Figure 3.1 Software layers in CUDA.

CUDA libraries, such as cuBLAS, are built on top of the CUDA runtime or driver API. The CUDA runtime is the library targeted by CUDA's integrated C++/GPU toolchain. When the nvcc compiler splits . cu files into host and device portions, the host portion contains automatically generated calls to the CUDA runtime to facilitate operations such as the kernel launches invoked by nvcc's special triple-angle bracket << >> syntax.

The CUDA driver API, exported directly by CUDA's user mode driver, is the lowest-level API available to CUDA apps. The driver API calls into the user mode driver, which may in turn call the kernel mode driver to perform operations such as memory allocation. Functions in the driver API and CUDA runtime generally start with cu* () and CUDA* (), respectively. Many functions, such as CUDAEventElapsedTime(), are essentially identical, with the only difference being in the prefix.

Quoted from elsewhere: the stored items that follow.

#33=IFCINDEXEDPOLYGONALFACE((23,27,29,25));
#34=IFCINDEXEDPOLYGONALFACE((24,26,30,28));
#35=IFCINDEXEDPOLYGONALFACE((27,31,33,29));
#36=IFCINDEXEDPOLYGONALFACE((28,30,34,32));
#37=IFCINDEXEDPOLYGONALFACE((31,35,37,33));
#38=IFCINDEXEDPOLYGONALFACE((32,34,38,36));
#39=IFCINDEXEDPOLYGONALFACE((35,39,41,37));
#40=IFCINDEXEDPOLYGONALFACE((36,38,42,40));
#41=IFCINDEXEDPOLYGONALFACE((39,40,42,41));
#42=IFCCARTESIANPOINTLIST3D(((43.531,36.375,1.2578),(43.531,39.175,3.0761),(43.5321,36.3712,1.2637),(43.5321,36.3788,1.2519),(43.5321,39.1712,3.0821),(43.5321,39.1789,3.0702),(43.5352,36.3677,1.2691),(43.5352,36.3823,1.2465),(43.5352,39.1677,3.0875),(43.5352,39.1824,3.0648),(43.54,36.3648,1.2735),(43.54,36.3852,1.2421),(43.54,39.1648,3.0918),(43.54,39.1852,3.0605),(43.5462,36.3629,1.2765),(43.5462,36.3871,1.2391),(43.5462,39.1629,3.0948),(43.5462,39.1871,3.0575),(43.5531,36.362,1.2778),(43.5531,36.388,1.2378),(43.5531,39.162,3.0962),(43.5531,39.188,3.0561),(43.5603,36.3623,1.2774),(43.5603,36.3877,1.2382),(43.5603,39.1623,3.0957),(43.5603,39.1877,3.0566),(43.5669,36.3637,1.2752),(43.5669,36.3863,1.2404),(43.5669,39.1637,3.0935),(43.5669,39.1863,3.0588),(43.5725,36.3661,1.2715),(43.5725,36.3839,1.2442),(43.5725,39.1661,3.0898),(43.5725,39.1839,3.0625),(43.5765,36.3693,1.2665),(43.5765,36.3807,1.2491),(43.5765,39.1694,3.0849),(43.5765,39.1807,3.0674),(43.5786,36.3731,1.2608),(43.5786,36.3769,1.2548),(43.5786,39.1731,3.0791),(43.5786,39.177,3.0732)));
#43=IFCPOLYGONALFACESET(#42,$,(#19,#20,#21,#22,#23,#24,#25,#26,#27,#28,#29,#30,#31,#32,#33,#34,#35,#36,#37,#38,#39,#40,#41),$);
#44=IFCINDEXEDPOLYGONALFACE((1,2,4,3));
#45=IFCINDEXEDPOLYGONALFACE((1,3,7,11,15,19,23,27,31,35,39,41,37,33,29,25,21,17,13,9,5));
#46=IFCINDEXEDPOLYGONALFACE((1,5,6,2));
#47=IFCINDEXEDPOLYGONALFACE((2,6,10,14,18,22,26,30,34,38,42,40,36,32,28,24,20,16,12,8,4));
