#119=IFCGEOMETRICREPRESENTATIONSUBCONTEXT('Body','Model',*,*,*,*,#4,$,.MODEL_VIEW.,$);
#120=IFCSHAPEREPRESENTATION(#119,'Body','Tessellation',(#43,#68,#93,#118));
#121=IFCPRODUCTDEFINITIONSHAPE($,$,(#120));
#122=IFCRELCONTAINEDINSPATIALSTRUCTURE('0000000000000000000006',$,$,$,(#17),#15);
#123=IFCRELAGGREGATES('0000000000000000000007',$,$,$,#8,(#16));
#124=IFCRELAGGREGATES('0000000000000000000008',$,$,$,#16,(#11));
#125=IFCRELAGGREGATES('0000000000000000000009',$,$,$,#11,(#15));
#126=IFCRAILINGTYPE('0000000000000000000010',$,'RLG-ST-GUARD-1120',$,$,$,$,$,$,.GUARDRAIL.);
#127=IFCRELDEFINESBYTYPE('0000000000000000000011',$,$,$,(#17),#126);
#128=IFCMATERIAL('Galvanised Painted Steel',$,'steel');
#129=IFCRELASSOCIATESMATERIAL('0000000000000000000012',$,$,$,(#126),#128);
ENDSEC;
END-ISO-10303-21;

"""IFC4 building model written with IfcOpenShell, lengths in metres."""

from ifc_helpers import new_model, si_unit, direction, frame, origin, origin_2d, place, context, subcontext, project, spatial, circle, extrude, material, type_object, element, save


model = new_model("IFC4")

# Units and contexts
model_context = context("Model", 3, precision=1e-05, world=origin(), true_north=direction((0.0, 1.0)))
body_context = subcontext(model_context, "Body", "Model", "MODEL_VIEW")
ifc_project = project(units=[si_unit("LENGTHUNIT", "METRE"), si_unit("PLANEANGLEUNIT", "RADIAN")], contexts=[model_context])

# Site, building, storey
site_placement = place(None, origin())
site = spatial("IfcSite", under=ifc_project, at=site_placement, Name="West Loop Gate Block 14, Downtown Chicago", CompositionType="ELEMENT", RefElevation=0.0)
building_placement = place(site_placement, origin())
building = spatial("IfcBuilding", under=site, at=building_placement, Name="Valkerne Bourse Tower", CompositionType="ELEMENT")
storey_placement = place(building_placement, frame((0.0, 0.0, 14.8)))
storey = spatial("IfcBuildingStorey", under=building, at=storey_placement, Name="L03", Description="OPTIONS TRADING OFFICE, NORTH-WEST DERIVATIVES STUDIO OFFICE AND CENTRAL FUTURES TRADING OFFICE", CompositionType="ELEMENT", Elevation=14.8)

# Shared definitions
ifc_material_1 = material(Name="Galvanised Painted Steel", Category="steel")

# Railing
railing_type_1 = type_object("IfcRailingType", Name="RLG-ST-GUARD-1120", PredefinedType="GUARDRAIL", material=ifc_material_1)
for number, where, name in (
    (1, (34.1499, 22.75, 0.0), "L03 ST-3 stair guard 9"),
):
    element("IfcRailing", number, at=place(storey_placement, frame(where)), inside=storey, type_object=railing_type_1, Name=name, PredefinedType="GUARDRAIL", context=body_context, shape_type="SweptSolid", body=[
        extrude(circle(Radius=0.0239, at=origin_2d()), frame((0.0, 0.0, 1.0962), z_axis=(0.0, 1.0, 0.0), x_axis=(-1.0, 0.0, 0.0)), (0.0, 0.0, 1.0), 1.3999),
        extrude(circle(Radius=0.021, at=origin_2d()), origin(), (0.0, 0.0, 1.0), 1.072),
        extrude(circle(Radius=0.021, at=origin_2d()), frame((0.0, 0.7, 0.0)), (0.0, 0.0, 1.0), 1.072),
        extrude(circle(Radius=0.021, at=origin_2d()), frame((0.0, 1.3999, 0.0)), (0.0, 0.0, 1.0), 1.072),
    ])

3.1.1 CUDA RUNTIME AND DRIVER

The CUDA runtime (often abbreviated CUDA) is the library used by the language integration features of CUDA. Each version of the CUDA toolchain has its own specific version of the CUDA runtime, and programs built with that tool-chain will automatically link against the corresponding version of the runtime. A program will not run correctly unless the correct version of CUDA is available in the path.

The CUDA driver is designed to be backward compatible, supporting all programs written against its version of CUDA, or older ones. It exports a low-level "driver API" (in CUDA.h) that enables developers to closely manage resources and the timing of initialization. The driver version may be queried by calling cuDriverGetVersion().

CUresult CUDAAPI cuDriverGetVersion(int *driverVersion);

This function passes back a decimal value that gives the version of CUDA supported by the driver—for example, 3010 for CUDA 3.1 and 5000 for CUDA 5.0.

Table 3.1 summarizes the features that correspond to the version number passed back by cuDriverGetVersion(). For CUDA runtime applications, this information is given by the major and minor members of the CUDADeviceProp structure as described in Section 3.2.2.

The CUDA runtime requires that the installed driver have a version greater than or equal to the version of CUDA supported by the runtime. If the driver version is older than the runtime version, the CUDA application will fail to initialize with the errorudaErrorInsufficientDriver (35). CUDA 5.0 introduced the device runtime, a subset of the CUDA runtime that can be invoked from CUDA kernels. A detailed description of the device runtime is given in Chapter 7.

Table 3.1. CUDA Driver Features

3.1.2 DRIVER MODELS

Other than Windows Vista and subsequent releases of Windows, all of the operating systems that CUDA runs—Linux, MacOS, and Windows XP—access the hardware with user mode client drivers. These drivers sidestep the requirement, common to all modern operating systems, that hardware resources be manipulated by kernel code. Modern hardware such as GPUs can finesse that requirement by mapping certain hardware registers—such as the hardware register used to submit work to the hardware—into user mode. Since user mode code is not trusted by the operating system, the hardware must contain protections against rogue writes to the user mode hardware registers. The goal is to prevent user mode code from prompting the hardware to use its direct memory

access (DMA) facilities to read or write memory that it should not (such as the operating system's kernel code!).

Hardware designers protect against memory corruption by introducing a level of indirection into the command stream available to user mode software so DMA operations can only be initiated on memory that previously was validated and mapped by kernel code; in turn, driver developers must carefully validate their kernel code to ensure that it only gives access to memory that should be made available. The end result is a driver that can operate at peak efficiency by submitting work to the hardware without having to incur the expense of a kernel transition.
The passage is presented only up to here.